Dr. Ojemann received his undergraduate and doctorate degrees at the University of Iowa College of Medicine. After completing his neurological surgery residency at University of Washington medical centers, he began a distinguished career as a neurosurgeon and researcher specializing in epilepsy, joining the University of Washington faculty in 1966.
He retired from clinical practice in 2005 but has continued this research and teaching. For his research, he received the 1984 Grass Prize from the Society of Neurological Surgeons, a Javitts award from the National Institute of Neurological Diseases and Stroke, an honorary Doctor of Science degree from the Medical College of Ohio in 1998, the Zulch Prize from the Max Planck Society and Gertrude Reemtsma Foundation in 2000, and the 2003 Cloward Medal of the Western Neurosurgical Society.
He was a member of the Advisory Council of the National Institute of Neurological Disorders and Stroke from 1997-2000. He was on the editorial board of the Journal of Neurosurgery from 1985-92 (Chairman 1991-92), a Director of the American Board of Neurological Surgery from 1987-93 (Chairman 1992-93),a member of the Residency Review Committee for Neurosurgery from 1993-99, and on the Board of Director of the American Association of Neurological Surgeons from 1992-95.
In 1991, his medical school honored him as a distinguished alumnus. He was President of the American Academy of Neurological Surgery in 1999-2000.

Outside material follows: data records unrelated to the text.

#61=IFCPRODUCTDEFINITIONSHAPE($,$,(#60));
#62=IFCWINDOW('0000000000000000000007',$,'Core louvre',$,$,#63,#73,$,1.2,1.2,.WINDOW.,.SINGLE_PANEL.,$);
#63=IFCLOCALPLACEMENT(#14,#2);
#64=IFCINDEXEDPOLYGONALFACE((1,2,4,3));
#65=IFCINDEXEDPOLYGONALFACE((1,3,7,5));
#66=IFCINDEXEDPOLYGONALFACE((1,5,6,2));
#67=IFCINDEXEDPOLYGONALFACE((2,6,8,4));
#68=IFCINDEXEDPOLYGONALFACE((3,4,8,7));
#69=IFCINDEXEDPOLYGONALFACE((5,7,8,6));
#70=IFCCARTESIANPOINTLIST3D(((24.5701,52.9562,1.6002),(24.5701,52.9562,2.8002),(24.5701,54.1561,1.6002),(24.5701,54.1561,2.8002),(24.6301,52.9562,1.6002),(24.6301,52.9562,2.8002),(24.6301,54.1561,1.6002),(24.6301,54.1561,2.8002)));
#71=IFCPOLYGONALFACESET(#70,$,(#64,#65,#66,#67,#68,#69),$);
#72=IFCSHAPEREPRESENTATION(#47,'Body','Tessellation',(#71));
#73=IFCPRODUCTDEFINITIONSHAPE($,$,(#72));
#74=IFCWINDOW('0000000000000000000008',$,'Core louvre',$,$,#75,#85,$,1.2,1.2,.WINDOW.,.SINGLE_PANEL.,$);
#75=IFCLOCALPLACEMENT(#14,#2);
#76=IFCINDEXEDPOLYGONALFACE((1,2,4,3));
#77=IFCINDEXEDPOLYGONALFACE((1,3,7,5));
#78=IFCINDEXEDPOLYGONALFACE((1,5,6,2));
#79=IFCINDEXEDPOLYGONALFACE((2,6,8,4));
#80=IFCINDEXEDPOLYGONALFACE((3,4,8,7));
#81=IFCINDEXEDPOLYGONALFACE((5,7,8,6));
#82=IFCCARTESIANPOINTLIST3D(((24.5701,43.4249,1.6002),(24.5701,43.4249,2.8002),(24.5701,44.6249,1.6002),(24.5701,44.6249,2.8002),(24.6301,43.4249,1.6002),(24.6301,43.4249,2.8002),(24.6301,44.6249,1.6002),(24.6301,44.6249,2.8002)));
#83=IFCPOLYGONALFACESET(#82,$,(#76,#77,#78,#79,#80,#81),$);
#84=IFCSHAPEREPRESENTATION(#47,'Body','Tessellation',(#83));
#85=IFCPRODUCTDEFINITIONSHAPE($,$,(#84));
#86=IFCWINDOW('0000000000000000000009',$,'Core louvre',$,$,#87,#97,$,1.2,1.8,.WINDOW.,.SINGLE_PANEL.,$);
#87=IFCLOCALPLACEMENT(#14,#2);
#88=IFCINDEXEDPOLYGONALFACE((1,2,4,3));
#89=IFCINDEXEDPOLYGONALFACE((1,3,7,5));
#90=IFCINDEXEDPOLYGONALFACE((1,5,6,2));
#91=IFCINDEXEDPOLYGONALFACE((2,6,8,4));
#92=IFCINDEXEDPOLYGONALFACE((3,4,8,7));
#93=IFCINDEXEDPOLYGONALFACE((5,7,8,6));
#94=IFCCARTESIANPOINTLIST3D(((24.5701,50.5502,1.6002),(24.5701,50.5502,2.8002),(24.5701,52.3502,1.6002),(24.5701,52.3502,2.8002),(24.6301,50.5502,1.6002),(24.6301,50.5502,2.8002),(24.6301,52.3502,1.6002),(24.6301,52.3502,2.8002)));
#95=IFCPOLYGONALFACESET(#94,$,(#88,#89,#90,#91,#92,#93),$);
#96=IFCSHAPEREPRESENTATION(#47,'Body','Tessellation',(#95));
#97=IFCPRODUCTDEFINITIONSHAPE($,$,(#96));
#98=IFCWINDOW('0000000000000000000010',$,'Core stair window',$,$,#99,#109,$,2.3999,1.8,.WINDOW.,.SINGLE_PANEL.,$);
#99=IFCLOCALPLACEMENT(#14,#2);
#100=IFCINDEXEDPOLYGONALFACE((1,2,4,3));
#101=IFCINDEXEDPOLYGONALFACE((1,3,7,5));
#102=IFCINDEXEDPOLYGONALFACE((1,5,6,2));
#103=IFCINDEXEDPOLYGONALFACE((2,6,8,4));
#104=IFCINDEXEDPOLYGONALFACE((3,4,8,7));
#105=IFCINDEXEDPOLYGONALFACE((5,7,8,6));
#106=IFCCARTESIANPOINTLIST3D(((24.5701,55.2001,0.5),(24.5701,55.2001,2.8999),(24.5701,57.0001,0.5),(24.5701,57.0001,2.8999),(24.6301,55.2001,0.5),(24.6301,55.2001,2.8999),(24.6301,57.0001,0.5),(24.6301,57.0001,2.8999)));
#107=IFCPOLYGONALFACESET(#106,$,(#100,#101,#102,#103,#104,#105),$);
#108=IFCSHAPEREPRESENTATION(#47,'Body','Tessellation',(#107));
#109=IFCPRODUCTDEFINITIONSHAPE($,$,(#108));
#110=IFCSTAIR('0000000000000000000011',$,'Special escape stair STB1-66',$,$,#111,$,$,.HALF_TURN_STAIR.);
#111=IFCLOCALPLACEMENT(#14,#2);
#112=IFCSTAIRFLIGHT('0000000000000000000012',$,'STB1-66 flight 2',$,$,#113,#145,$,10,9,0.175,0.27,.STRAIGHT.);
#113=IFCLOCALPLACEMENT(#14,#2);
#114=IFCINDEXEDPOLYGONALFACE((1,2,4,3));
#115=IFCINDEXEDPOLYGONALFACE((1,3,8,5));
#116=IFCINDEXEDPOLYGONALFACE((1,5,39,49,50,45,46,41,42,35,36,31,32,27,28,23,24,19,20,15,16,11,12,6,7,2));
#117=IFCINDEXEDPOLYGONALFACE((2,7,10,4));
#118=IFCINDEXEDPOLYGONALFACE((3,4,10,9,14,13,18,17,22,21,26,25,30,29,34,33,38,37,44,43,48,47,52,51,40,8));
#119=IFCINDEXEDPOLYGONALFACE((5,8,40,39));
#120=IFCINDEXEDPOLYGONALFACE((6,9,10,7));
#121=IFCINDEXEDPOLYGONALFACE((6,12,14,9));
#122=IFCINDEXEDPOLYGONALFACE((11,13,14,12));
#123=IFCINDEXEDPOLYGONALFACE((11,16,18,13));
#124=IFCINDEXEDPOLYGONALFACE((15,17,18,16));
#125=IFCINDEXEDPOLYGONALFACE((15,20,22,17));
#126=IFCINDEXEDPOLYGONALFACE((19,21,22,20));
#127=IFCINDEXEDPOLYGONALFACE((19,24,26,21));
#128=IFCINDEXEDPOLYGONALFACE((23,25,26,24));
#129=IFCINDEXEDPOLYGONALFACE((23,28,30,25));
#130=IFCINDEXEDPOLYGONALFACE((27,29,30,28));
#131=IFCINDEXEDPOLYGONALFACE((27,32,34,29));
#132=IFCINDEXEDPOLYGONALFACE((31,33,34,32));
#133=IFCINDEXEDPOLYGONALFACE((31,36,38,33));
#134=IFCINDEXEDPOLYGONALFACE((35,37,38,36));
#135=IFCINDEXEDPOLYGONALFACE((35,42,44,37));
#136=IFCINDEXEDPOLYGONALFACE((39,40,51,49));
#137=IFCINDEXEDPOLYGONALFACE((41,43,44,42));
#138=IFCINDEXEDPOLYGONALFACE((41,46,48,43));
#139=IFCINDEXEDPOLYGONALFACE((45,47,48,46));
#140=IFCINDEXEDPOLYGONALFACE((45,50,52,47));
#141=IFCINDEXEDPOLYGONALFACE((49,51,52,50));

Dr. Ojemann has spoken at medical conferences around the world, including many visiting professorships and named lectureships. He is the author of over 300 peer reviewed articles and book chapters, including two books for the general public co-authored with William Calvin: Inside the Brain (1980) and Conversations with Neil's Brain (1994).
Dr. Ojemann has been married to Dr. Linda Moretti Ojemann since 1967, sharing a common interest in the treatment of patients with difficult seizure problems. Their three children are physicians, two in neurosurgery.
Neurobiology of human cognition, particularly cortical organization for language and memory, investigated in the context of awake neurosurgery under local anesthesia.